Paco Pérez Durán

Personal information
- Full name: Francisco Pérez Durán
- Date of birth: 16 September 1961
- Place of birth: Priego de Córdoba, Spain
- Date of death: 29 June 2025 (aged 63)
- Height: 1.90 m (6 ft 3 in)
- Position: Defender

Senior career*
- Years: Team / Apps / (Gls)
- 1980–1984: Castilla / 60 / (1)
- 1981–1982: → Deportivo de La Coruña (loan) / 23 / (1)
- 1984–1985: Granada / 31 / (0)
- 1985–1986: Parla / 33 / (0)
- 1986–1987: Alcoyano / 38 / (3)
- 1987–1988: Cartagena / 24 / (1)
- 1988–1990: Linares / 41 / (2)
- 1990–1992: Racing de Santander / 15 / (0)
- Total:  / 265 / (8)

= Paco Pérez Durán =

Spanish footballer (1961–2025)

Francisco "Paco" Pérez Durán (16 September 1961 – 29 June 2025) was a Spanish professional footballer who played as a defender.

==Career==
Born in Priego de Córdoba, Pérez Durán played for Castilla, Deportivo de La Coruña, Granada, Parla, Alcoyano, Cartagena, Linares and Racing de Santander.
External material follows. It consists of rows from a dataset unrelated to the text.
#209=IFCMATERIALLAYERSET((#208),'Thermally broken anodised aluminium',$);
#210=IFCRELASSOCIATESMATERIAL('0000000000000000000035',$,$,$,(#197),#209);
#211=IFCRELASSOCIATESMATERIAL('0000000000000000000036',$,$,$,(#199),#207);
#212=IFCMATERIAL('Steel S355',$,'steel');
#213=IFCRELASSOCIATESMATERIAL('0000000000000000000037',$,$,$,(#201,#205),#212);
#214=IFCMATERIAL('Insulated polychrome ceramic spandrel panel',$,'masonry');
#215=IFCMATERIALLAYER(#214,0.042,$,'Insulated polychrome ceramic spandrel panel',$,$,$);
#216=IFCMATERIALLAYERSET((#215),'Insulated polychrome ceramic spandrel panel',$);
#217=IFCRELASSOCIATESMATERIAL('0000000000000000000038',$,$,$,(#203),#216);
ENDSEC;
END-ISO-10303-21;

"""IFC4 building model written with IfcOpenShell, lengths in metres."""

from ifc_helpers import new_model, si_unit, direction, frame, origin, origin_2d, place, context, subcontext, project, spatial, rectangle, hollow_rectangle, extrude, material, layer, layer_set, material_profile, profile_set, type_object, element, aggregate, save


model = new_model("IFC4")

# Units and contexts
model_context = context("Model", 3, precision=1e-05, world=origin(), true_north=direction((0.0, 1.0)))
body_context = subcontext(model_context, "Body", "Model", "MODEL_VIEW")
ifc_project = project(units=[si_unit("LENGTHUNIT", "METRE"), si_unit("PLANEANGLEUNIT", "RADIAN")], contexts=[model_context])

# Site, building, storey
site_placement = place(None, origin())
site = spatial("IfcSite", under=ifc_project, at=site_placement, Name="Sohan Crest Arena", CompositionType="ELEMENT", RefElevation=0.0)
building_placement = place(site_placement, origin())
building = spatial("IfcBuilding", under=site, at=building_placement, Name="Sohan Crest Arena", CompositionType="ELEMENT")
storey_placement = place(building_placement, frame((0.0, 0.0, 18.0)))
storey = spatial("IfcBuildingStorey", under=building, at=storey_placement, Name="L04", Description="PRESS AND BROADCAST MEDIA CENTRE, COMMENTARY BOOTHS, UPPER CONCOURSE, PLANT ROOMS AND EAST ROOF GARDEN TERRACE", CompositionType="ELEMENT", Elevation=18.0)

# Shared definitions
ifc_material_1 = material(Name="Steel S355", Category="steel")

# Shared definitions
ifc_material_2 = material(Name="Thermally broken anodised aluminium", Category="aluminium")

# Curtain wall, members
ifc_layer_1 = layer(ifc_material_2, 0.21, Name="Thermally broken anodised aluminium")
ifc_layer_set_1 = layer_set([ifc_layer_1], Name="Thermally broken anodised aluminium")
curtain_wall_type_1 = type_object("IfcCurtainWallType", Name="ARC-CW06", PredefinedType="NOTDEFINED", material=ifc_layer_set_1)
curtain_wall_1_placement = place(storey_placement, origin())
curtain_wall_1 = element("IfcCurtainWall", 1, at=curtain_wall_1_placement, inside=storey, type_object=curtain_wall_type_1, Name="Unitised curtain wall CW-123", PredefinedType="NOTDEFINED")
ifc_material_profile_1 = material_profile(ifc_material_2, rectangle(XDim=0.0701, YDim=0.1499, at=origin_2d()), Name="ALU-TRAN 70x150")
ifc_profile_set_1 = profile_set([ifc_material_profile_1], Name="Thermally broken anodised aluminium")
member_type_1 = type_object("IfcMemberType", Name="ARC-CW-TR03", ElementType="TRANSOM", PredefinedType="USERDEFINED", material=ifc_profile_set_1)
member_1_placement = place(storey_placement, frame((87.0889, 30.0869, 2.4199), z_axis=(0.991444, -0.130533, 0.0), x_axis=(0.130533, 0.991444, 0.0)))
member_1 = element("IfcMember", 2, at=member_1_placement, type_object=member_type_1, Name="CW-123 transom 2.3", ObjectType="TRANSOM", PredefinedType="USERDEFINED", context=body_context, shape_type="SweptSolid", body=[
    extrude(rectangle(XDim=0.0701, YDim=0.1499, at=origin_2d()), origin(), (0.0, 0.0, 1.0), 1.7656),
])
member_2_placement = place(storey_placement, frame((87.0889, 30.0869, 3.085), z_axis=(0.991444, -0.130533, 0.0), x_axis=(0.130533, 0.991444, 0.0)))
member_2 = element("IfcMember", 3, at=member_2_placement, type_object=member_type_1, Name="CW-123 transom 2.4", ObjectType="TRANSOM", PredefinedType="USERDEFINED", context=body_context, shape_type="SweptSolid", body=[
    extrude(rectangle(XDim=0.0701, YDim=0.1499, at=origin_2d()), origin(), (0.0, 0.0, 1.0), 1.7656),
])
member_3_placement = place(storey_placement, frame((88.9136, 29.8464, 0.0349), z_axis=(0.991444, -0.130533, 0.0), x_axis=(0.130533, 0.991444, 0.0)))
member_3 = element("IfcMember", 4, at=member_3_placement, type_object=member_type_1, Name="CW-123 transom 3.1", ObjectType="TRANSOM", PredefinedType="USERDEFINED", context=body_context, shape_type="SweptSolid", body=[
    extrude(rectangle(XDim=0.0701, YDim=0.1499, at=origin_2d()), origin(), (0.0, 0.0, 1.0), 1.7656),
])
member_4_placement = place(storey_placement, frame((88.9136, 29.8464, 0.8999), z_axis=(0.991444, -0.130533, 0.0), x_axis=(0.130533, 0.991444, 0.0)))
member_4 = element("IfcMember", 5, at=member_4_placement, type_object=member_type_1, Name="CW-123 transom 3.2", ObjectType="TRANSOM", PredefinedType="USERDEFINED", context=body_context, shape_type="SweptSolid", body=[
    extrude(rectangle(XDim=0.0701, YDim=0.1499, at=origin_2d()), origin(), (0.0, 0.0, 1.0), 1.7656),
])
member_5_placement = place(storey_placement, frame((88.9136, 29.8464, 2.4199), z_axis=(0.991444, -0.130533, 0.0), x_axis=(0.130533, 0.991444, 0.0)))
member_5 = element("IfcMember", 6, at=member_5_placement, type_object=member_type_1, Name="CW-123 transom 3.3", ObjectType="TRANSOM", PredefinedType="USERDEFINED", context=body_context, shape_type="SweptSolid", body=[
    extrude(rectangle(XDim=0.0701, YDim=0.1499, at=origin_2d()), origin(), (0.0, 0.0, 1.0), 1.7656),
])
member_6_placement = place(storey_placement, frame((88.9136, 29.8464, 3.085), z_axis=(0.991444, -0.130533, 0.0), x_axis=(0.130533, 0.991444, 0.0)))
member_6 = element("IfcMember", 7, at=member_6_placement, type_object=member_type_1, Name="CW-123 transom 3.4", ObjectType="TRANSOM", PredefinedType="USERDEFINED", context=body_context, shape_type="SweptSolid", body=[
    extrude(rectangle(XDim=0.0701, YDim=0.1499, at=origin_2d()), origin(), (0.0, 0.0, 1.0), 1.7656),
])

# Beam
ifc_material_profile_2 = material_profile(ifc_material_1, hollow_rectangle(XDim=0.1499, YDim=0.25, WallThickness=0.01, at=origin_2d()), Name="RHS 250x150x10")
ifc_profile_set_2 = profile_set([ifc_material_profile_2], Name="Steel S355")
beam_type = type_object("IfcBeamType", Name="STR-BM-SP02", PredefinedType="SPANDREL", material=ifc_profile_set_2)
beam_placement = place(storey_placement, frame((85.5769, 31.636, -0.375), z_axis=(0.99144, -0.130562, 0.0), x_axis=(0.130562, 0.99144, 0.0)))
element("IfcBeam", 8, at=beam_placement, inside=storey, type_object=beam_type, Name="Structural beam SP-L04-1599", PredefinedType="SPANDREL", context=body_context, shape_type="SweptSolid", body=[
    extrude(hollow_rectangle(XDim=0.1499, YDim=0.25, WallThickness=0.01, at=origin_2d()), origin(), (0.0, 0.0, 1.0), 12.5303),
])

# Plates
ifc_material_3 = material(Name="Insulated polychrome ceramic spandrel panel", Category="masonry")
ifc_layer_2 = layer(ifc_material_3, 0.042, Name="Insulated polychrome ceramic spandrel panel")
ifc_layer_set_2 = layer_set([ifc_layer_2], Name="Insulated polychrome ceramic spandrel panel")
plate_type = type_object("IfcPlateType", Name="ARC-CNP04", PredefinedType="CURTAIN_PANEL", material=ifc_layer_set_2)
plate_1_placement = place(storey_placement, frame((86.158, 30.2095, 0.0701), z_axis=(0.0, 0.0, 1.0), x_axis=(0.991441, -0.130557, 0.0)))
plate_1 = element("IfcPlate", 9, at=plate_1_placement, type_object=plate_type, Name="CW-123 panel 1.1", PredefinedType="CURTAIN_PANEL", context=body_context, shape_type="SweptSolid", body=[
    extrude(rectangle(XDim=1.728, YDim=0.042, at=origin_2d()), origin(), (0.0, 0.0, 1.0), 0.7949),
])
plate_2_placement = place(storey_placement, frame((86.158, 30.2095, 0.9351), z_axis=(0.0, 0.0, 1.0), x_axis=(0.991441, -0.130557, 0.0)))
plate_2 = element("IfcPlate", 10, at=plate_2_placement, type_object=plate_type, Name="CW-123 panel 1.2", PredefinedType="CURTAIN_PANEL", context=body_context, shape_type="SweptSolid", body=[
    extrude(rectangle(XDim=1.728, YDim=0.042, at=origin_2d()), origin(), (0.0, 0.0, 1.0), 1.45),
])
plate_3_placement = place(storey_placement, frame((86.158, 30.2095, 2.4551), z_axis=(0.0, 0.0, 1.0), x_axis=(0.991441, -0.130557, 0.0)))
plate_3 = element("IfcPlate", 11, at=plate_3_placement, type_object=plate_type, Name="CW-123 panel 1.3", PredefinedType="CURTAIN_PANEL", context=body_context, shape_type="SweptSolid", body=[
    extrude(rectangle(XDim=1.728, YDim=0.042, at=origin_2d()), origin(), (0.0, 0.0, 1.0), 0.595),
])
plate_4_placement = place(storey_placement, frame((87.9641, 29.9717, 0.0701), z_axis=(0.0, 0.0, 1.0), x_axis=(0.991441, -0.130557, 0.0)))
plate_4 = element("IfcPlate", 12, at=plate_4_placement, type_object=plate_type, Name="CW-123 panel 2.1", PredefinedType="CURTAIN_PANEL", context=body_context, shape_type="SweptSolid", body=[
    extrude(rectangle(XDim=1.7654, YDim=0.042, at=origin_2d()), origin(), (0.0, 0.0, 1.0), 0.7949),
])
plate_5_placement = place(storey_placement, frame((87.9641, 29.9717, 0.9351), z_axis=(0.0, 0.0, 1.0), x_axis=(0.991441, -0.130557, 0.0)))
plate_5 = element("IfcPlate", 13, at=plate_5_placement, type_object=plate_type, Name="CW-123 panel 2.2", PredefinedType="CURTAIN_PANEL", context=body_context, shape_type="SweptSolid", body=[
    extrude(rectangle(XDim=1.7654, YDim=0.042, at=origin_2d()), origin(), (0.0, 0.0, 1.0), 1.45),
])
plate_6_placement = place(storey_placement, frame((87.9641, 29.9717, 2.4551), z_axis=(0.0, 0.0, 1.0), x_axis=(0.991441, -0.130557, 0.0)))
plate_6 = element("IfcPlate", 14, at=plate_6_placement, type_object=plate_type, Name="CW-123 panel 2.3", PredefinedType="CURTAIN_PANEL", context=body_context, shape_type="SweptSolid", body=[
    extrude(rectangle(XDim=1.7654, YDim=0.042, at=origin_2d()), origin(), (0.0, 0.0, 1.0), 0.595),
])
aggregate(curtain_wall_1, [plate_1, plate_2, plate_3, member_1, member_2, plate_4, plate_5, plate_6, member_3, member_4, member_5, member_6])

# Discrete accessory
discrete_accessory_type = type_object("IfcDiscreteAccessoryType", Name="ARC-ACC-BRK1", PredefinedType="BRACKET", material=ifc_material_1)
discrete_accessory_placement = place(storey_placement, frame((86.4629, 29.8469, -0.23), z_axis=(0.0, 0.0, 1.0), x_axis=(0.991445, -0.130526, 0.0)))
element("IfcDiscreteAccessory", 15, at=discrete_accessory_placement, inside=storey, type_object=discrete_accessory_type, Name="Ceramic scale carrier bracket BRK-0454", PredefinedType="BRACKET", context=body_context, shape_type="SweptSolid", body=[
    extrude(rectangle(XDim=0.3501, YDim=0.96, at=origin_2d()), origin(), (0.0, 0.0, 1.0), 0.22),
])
With Castilla he won the 1983–84 Segunda División.

==Personal life and death==
Pérez Durán suffered from ALS.

On 1 June 2025, Real Madrid had a veterans' benefit match for Pérez Durán. He died on 29 June 2025, aged 63.

His brother José Manuel Pérez Durán was also a footballer.